Dr Maeve O’Rourke, barrister and lecturer, joins the series to discuss Ireland’s all-island 20th-century history of institutional and family separation abuses and their continuing effects. She will address the survivor-led efforts for justice, recent state responses North and South, and the question of what human rights-based ‘transitional justice’ might mean.

Dr Maeve O’Rourke is a Lecturer at the Irish Centre for Human Rights, University of Galway. She founded and directs the ICHR’s Human Rights Law Clinic which supports students to engage in ‘movement lawyering’ alongside community-based social justice activists. Maeve is also a barrister at 33 Bedford Row, named UK Family Law Pro Bono Lawyer of the Year, 2013. She is a member of the Justice for Magdalenes Research group and co-director of the Clann Project. She has long advocated on behalf of survivors of Ireland’s historical institutional and forced family separation system, and with other members of the Open Heart City Collective she recently succeeded in persuading the Irish Government to establish a national site of conscience on Sean McDermott Street in Dublin 1. She was appointed by the Northern Ireland Executive in 2021 to design in consultation with survivors the framework for a state investigation (now underway) into Northern Ireland’s Magdalene, Mother and Baby, and Workhouse Institutions. She has co-authored and co-edited several books on transitional justice in Ireland. Her monograph Human Rights and the Care of Older People is forthcoming with Oxford University Press. She is former Senior Research and Policy Officer for the Irish Council for Civil Liberties.

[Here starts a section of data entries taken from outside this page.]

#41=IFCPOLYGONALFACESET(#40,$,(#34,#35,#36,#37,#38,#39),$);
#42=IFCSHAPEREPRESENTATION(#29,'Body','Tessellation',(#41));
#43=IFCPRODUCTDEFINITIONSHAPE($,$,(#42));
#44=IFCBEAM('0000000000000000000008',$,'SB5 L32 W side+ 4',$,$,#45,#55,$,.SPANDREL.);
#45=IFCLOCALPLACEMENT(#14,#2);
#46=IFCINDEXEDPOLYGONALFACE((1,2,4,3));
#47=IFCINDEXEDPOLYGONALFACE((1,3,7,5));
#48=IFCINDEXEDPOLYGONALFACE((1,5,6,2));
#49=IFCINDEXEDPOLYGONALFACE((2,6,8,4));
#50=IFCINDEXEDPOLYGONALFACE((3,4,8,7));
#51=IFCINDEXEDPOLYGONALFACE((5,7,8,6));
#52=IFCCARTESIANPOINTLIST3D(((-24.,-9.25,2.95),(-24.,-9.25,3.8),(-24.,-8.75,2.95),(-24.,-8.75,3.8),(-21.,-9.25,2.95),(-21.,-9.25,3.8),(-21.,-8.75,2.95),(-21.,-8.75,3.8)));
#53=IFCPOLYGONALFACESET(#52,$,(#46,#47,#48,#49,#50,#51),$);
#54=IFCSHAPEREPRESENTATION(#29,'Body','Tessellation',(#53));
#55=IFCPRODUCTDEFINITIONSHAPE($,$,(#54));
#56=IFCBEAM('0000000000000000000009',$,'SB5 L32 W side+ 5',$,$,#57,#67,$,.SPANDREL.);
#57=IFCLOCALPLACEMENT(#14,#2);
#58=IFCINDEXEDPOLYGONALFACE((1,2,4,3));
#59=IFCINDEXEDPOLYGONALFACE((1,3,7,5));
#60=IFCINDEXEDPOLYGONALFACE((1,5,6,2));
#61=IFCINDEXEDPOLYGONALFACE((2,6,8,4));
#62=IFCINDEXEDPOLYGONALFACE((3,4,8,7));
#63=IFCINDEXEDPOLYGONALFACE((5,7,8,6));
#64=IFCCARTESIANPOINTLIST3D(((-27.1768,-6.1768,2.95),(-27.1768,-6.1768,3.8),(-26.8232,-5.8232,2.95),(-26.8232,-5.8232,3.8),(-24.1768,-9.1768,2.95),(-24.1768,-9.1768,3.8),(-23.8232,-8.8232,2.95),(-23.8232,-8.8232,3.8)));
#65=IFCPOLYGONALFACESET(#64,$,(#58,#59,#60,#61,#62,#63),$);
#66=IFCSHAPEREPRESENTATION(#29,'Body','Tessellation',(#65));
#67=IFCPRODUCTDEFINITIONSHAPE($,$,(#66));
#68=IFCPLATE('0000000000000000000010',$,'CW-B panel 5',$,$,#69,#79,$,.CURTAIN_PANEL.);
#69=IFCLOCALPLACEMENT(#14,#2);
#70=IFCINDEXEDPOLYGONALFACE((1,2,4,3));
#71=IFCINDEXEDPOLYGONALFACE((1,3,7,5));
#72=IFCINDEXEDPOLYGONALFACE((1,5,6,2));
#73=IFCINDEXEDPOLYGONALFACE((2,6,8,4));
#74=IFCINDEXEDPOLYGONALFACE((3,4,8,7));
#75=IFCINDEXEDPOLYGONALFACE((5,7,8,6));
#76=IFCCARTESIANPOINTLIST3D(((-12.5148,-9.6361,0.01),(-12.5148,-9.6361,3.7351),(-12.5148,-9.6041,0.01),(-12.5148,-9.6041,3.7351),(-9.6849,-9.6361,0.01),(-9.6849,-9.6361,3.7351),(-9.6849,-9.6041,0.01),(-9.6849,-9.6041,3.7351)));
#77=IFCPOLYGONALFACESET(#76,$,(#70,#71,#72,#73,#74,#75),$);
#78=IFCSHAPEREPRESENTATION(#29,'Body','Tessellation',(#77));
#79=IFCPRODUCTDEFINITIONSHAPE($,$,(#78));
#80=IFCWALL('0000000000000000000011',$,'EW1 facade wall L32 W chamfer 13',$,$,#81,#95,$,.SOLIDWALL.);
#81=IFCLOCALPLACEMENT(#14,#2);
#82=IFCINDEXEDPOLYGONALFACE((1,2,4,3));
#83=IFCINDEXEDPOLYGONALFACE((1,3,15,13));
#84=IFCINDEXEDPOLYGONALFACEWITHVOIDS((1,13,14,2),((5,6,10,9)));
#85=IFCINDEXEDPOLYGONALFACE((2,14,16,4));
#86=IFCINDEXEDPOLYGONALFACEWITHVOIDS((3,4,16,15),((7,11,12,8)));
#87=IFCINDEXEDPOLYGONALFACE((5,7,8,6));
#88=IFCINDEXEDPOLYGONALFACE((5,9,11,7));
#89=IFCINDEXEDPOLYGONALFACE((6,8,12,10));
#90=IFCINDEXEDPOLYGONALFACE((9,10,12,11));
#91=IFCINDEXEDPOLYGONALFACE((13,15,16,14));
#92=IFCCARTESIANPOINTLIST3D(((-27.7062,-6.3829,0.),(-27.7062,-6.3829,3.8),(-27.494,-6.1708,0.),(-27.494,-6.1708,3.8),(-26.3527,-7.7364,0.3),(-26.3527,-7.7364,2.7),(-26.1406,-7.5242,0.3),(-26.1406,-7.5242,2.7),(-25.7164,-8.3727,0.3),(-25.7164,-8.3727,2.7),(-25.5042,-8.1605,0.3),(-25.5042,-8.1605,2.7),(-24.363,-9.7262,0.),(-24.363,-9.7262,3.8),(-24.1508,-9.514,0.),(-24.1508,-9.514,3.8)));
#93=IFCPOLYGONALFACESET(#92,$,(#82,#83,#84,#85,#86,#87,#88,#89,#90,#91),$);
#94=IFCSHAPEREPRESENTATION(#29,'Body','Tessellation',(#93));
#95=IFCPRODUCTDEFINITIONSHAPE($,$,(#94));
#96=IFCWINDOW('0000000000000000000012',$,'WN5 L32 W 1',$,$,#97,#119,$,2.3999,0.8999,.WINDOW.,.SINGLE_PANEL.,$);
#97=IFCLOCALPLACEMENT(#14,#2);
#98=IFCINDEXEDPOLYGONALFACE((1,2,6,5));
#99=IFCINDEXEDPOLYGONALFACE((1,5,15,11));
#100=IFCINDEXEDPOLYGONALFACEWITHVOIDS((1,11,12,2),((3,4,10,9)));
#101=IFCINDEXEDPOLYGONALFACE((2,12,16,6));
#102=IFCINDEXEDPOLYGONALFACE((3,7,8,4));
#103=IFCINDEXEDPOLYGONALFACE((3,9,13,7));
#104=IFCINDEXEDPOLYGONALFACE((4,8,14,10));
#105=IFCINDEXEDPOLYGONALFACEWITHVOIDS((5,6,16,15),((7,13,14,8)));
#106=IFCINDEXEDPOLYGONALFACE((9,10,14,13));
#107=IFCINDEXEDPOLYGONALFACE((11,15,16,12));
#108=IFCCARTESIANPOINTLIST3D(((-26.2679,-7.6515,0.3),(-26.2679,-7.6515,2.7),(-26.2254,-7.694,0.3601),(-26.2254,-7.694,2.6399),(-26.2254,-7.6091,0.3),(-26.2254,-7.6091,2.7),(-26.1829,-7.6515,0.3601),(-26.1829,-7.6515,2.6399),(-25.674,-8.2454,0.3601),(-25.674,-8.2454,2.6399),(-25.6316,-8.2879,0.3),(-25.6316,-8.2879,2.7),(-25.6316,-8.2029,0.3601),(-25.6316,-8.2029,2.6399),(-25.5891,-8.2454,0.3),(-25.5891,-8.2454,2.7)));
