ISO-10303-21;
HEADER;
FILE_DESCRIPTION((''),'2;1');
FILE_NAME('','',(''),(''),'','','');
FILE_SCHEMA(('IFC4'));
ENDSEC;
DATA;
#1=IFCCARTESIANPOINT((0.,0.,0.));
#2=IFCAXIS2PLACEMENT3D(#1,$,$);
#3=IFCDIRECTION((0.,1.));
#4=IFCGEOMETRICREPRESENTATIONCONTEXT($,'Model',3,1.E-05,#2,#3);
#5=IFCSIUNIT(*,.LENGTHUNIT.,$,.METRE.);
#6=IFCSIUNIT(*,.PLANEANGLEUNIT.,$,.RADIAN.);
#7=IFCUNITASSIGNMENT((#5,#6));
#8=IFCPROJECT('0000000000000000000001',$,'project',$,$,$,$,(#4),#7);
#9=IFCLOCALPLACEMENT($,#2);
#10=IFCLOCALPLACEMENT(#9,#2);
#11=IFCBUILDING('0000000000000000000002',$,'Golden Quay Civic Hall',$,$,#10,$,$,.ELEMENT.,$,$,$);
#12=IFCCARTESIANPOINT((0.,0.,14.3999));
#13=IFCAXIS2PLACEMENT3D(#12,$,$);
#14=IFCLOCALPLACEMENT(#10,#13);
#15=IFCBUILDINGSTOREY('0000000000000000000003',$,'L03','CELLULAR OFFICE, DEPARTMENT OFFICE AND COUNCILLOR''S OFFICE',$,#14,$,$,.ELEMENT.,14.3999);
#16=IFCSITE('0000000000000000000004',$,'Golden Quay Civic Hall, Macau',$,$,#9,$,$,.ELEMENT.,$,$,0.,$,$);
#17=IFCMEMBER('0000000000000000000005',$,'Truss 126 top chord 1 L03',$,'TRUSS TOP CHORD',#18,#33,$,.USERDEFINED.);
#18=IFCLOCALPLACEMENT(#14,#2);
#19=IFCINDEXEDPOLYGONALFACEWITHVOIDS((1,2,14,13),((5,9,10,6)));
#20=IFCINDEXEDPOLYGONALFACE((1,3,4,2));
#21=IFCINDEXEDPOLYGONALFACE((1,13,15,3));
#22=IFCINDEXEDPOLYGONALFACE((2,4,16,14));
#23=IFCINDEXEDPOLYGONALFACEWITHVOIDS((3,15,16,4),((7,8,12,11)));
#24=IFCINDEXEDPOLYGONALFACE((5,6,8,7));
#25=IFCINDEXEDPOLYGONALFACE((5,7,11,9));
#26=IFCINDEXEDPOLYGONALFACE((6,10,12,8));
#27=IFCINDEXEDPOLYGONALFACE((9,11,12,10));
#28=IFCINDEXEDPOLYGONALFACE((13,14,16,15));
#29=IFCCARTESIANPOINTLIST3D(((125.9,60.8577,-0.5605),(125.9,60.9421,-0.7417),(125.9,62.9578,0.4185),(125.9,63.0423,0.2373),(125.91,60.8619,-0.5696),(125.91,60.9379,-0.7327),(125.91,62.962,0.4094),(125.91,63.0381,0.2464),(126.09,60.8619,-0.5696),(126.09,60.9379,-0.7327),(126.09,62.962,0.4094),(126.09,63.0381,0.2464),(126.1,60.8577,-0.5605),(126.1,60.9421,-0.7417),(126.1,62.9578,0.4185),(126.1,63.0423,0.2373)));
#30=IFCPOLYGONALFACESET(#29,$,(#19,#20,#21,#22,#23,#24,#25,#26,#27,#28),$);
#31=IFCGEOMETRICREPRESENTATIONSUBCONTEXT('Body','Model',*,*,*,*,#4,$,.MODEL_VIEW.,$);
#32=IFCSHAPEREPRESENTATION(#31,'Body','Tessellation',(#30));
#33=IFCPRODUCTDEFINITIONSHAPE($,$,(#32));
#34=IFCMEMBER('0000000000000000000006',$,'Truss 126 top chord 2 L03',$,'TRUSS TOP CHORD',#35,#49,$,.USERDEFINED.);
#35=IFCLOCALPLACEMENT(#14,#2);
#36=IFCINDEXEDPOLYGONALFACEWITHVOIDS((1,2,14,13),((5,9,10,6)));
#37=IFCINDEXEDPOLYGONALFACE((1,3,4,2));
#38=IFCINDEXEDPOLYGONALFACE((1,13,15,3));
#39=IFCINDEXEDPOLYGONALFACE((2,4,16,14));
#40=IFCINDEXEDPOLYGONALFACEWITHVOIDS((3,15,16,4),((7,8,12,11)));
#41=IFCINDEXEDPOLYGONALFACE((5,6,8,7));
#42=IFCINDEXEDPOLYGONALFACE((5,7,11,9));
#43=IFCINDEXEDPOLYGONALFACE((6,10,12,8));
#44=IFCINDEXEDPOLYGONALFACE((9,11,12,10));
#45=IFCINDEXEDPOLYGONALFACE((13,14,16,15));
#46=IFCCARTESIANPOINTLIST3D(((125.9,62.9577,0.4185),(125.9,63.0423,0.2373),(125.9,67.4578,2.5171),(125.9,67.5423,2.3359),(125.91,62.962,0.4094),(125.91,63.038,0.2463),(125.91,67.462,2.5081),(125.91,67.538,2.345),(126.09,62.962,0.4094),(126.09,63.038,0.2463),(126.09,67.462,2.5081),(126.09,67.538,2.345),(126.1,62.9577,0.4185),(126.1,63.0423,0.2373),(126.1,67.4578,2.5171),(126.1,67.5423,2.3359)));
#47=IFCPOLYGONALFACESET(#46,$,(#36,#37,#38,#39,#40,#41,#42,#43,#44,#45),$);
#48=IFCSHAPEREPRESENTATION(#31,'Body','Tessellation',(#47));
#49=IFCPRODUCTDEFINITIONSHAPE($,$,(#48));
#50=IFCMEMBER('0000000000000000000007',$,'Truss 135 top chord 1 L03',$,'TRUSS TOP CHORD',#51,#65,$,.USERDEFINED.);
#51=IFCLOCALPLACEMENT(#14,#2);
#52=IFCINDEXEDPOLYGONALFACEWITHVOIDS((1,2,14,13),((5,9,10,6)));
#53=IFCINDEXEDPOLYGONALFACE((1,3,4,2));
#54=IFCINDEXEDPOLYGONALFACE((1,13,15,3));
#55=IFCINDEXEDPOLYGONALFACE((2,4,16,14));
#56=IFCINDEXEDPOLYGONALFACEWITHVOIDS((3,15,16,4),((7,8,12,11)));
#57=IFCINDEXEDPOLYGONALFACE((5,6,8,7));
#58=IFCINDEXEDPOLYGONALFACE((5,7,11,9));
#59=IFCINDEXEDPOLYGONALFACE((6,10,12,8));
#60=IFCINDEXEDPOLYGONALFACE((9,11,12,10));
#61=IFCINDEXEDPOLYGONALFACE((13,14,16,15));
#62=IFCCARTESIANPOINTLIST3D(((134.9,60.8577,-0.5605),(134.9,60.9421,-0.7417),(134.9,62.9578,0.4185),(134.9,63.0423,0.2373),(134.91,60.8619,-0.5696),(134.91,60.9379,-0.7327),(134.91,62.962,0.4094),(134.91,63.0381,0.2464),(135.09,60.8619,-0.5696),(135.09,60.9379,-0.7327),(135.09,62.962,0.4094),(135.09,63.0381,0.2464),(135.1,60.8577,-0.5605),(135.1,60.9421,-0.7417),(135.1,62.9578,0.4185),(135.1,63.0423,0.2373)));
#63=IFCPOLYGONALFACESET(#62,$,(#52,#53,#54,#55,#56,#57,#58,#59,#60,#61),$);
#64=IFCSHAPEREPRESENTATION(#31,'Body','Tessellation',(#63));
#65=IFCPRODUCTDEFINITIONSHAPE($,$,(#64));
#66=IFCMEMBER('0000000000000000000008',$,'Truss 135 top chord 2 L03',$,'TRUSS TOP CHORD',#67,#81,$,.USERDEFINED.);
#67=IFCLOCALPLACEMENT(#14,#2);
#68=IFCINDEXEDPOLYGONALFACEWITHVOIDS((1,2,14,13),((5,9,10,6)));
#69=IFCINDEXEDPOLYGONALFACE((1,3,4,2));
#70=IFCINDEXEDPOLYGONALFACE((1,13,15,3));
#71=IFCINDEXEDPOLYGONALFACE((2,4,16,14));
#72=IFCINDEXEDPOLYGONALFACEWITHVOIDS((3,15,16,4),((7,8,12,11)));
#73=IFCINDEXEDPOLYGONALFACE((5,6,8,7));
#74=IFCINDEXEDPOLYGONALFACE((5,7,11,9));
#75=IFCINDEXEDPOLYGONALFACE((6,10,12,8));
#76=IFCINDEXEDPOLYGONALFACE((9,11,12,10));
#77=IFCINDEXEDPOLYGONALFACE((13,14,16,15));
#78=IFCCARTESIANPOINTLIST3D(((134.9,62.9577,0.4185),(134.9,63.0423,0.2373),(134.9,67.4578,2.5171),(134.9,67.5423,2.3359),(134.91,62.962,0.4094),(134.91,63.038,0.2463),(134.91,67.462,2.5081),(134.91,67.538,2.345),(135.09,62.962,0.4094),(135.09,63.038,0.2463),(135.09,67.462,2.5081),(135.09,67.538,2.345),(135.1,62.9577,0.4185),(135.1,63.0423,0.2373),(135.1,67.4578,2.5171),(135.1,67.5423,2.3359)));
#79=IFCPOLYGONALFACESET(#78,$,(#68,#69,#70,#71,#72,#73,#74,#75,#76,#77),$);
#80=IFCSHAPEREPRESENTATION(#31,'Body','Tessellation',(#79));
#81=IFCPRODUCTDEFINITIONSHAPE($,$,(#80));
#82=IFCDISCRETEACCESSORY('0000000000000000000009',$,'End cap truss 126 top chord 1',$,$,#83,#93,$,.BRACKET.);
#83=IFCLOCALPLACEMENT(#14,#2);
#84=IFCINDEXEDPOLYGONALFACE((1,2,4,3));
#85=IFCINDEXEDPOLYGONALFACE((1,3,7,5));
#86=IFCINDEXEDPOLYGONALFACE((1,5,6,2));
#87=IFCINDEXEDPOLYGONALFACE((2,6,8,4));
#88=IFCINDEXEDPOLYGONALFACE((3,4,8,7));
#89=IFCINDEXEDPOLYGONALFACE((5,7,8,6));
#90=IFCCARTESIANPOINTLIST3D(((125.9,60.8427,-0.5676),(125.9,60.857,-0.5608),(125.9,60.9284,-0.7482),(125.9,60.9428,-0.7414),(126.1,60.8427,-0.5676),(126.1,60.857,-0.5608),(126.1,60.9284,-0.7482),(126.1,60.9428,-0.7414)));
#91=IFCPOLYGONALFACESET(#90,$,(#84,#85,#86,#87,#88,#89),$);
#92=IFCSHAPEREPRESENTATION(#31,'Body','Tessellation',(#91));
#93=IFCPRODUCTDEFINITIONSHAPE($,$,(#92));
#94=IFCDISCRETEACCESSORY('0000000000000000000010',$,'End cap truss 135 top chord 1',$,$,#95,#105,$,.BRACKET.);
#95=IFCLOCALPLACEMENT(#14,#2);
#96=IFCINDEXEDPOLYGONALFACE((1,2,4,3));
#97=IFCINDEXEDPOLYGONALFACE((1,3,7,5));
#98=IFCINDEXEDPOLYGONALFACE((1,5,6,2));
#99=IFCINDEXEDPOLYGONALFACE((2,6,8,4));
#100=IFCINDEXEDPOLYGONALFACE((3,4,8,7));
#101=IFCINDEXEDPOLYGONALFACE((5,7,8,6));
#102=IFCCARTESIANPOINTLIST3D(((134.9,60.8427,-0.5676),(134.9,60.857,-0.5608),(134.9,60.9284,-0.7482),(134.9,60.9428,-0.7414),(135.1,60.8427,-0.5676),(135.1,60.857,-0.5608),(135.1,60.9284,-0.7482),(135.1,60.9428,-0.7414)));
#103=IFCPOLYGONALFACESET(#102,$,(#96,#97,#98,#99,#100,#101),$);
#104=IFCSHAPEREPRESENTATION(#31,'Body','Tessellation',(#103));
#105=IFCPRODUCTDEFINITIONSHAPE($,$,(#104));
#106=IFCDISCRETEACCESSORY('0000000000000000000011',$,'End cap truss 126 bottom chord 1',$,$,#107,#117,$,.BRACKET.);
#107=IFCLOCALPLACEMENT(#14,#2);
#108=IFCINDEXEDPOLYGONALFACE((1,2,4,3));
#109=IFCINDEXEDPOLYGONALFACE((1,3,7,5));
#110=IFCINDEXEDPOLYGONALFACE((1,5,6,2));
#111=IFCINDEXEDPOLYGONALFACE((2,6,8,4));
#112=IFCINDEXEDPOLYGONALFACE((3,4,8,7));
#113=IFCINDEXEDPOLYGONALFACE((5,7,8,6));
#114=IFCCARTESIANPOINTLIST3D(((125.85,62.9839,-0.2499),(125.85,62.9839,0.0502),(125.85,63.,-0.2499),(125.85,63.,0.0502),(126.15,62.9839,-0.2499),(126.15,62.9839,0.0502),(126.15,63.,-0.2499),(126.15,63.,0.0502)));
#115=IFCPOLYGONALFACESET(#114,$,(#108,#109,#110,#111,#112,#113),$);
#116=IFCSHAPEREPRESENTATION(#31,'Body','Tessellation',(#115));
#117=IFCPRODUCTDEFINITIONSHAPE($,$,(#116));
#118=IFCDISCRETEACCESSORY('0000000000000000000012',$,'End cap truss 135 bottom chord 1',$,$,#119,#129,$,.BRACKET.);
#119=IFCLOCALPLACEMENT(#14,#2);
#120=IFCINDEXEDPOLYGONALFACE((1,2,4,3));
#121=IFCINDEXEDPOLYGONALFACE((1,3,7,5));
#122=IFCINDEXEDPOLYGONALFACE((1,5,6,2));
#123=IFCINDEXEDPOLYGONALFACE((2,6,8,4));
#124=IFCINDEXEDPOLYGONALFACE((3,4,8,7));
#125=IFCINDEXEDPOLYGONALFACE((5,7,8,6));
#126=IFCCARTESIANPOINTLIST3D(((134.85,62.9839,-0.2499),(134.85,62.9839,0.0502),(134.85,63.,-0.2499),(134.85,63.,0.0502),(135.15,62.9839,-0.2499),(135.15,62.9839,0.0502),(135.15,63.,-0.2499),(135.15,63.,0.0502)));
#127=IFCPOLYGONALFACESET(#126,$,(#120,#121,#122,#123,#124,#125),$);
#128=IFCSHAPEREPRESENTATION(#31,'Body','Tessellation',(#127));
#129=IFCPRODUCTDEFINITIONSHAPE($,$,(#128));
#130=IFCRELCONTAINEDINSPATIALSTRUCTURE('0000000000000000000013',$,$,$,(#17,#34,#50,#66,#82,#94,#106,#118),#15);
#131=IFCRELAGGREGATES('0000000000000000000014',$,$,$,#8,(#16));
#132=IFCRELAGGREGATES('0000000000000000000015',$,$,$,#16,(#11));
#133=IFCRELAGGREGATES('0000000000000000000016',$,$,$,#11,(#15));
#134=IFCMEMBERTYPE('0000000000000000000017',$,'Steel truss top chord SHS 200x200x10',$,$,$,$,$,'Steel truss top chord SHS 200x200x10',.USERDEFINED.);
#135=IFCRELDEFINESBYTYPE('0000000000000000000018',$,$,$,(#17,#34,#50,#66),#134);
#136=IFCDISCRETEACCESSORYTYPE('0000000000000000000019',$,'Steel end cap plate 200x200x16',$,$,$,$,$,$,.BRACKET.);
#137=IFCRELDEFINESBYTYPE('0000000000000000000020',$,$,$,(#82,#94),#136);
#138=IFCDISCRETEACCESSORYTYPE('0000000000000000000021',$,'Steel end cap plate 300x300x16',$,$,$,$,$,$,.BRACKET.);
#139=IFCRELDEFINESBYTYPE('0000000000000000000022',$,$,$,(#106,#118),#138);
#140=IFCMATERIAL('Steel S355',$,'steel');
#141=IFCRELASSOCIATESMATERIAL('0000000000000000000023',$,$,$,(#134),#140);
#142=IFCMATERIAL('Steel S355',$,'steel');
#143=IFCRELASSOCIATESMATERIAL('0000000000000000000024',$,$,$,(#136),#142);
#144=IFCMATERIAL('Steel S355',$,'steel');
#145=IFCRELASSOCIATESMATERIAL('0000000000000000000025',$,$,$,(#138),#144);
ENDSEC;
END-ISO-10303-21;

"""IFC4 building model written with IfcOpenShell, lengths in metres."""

from ifc_helpers import new_model, si_unit, direction, frame, origin, origin_2d, place, context, subcontext, project, spatial, rectangle, hollow_rectangle, extrude, material, material_profile, profile_set, type_object, element, save


model = new_model("IFC4")

# Units and contexts
model_context = context("Model", 3, precision=1e-05, world=origin(), true_north=direction((0.0, 1.0)))
body_context = subcontext(model_context, "Body", "Model", "MODEL_VIEW")
ifc_project = project(units=[si_unit("LENGTHUNIT", "METRE"), si_unit("PLANEANGLEUNIT", "RADIAN")], contexts=[model_context])

# Site, building, storey
site_placement = place(None, origin())
site = spatial("IfcSite", under=ifc_project, at=site_placement, Name="Golden Quay Civic Hall, Macau", CompositionType="ELEMENT", RefElevation=0.0)
building_placement = place(site_placement, origin())
building = spatial("IfcBuilding", under=site, at=building_placement, Name="Golden Quay Civic Hall", CompositionType="ELEMENT")
storey_placement = place(building_placement, frame((0.0, 0.0, 14.3999)))
storey = spatial("IfcBuildingStorey", under=building, at=storey_placement, Name="L03", Description="CELLULAR OFFICE, DEPARTMENT OFFICE AND COUNCILLOR'S OFFICE", CompositionType="ELEMENT", Elevation=14.3999)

Maeve will be in discussion with Eugenio Biagini, Professor of Modern and Contemporary History at the University of Cambridge and Fellow at Sidney Sussex College. His research focuses on the social, economic and political history of democracy. He has written on Gladstonian liberalism and the Italian Risorgimento, but Ireland is his main area of research. His British Democracy and Irish Nationalism, 1876-1906 (Cambridge, Cambridge University Press, 2007) examined the way the Irish Home Rule campaigns affected the making of democracy in the two islands. He has recently published (with Daniel Mulhall),The Shaping of Modern Ireland (Dublin, Irish Academic Press, 2016) and edited (with Mary Daly) The Cambridge Social History of Ireland since 1740 (Cambridge, Cambridge University Press, 2017). His current research focuses on the history of religious and ethnic minorities in twentieth-century Ireland, in a comparative perspective. He focuses on the challenge of nation-building, the redefinition of ‘public interest’, civil liberties and ‘the constitution’ in deeply divided societies.